In vitro, self renewing multipotential neural stem cells have been isolated and characterised from various regions of the adult CNS, including the spinal cord. This supports the fact that neural stem cells are present in the CNS. The question is, if neural stem cells are present in the CNS, why is the CNS unable to recover from injury. It would seem that stem cells are not able to spontaneously regenerate injured neurones. The confirmation that neurogenesis occurs in the adult brain of several species, including humans, and the isolation and characterisation in vitro of self renewing multi-potential NSCs from the adult CNS opens new possibility for cell therapy.

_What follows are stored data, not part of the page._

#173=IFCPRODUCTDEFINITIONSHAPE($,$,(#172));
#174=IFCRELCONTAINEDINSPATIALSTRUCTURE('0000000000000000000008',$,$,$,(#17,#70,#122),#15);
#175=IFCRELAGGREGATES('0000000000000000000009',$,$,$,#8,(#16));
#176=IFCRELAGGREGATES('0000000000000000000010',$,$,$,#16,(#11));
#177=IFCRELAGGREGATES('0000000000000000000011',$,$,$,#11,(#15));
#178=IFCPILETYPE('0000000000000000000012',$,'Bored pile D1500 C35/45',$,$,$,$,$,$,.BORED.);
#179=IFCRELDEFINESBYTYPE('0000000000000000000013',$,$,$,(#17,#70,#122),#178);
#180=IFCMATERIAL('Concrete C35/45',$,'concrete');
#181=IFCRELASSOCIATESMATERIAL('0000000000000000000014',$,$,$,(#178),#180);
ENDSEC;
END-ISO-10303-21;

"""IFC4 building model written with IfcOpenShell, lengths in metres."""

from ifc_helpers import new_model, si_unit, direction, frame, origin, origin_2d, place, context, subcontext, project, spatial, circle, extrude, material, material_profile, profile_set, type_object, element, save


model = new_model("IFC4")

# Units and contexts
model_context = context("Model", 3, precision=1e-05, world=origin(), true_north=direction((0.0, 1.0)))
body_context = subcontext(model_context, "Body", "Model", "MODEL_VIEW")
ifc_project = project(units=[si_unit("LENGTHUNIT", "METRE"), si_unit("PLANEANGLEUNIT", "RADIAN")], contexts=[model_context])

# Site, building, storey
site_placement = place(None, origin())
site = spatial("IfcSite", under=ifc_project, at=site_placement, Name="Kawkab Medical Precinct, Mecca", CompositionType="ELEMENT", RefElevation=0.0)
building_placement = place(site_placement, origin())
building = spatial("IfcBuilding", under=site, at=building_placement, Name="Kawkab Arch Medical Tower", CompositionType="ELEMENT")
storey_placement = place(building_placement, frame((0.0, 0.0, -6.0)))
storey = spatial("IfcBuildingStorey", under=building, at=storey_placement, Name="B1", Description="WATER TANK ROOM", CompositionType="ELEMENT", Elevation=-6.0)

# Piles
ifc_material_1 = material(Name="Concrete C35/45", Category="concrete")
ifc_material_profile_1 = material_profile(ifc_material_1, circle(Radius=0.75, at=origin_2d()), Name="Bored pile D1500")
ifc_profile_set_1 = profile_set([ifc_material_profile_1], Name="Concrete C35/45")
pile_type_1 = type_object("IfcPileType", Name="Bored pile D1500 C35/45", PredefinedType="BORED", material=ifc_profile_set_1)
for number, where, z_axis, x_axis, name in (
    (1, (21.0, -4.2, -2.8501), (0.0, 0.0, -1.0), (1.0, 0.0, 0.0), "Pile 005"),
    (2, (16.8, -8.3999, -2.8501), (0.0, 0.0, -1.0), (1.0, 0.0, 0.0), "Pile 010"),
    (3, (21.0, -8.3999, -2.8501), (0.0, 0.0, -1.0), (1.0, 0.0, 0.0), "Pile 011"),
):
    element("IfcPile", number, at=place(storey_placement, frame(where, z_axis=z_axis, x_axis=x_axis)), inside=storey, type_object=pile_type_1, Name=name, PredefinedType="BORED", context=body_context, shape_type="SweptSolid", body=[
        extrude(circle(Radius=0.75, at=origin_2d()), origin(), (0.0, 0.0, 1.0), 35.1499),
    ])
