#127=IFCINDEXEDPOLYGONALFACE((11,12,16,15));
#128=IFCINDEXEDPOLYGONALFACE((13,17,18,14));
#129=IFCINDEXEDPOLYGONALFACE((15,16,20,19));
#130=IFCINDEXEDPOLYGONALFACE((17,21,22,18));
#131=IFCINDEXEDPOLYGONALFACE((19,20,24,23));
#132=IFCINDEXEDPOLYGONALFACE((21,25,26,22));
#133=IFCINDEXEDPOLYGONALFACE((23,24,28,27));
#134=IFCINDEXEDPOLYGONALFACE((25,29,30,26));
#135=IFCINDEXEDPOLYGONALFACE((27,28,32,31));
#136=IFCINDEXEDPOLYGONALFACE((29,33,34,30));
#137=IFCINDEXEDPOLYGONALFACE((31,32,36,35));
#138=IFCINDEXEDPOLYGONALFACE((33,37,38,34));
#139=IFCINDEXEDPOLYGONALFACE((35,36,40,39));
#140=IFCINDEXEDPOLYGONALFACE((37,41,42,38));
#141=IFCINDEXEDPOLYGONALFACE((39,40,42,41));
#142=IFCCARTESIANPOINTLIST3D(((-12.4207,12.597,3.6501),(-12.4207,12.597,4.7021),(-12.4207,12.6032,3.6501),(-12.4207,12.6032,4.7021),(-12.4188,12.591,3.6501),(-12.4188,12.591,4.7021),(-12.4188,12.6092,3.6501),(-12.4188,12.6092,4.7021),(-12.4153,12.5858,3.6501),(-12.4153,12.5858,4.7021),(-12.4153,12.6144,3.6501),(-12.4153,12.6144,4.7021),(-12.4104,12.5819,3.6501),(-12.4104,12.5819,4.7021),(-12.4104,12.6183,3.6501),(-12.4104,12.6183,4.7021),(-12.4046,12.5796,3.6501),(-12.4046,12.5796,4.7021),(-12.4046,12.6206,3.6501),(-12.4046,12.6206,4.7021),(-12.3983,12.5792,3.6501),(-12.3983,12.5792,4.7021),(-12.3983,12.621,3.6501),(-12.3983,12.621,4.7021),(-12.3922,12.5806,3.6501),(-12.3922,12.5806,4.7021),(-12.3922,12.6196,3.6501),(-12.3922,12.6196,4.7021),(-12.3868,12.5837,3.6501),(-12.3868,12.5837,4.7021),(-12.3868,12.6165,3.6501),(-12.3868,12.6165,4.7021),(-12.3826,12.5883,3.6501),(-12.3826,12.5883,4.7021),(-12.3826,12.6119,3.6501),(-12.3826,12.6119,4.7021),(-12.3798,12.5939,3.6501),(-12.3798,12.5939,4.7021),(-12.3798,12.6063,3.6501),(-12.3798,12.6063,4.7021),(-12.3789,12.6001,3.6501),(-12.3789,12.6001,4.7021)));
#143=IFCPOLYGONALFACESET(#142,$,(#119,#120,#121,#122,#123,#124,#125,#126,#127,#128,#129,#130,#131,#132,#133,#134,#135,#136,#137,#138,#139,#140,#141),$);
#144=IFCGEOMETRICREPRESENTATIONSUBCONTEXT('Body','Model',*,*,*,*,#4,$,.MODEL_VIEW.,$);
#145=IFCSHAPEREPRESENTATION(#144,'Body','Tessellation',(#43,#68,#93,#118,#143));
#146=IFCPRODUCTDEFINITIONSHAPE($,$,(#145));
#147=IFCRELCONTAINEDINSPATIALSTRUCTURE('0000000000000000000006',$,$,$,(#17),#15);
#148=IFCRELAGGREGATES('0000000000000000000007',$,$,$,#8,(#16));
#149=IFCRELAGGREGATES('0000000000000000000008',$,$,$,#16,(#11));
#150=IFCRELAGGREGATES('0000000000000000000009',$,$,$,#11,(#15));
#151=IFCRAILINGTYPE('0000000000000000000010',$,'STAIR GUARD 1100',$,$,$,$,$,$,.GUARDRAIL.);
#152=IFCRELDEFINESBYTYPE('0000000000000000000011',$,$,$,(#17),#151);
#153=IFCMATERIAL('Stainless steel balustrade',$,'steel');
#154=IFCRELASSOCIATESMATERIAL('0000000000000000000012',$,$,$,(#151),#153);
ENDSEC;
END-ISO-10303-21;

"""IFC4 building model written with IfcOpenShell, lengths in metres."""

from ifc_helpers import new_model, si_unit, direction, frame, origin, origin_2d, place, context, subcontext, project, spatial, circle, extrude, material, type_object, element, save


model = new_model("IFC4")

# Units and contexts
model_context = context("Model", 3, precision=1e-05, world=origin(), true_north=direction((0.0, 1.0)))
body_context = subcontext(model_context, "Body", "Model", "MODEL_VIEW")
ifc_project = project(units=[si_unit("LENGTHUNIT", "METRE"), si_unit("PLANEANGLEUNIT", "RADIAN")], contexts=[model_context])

3. The role of neurogenesis in regeneration of the injured CNS
It is self evident that the brain and spinal has limited ability to regenerate injured neurone thus injury of the CNS is devastating since it can lead to permanent disability. The CNS reacts to injury by triggering a series of events over several days. These events are a combination of cellular and molecular reactions and incorporate various cell types including oligodendrocytes and astrocytes (Fawcett et al., 1999). Although there are several reasons for the inability of the CNS to effectively repair itself, it can be concluded that the formation of glial scar is the most important reason for ineffective repair. When the CNS is injured, it triggers a glial reaction which recruits a number of cells including astrocytes and oligodendrocytes. Ultimately glial reaction leads to the formation of glial scars. Glial scars can be described as an evolving structure integrating different cell at different times (Fawcett et al., 1999). Glial scars hinder regeneration of axons as well as remyelination. Injury to the CNS also results in myelin debris which further hinders self- repair of the CNS.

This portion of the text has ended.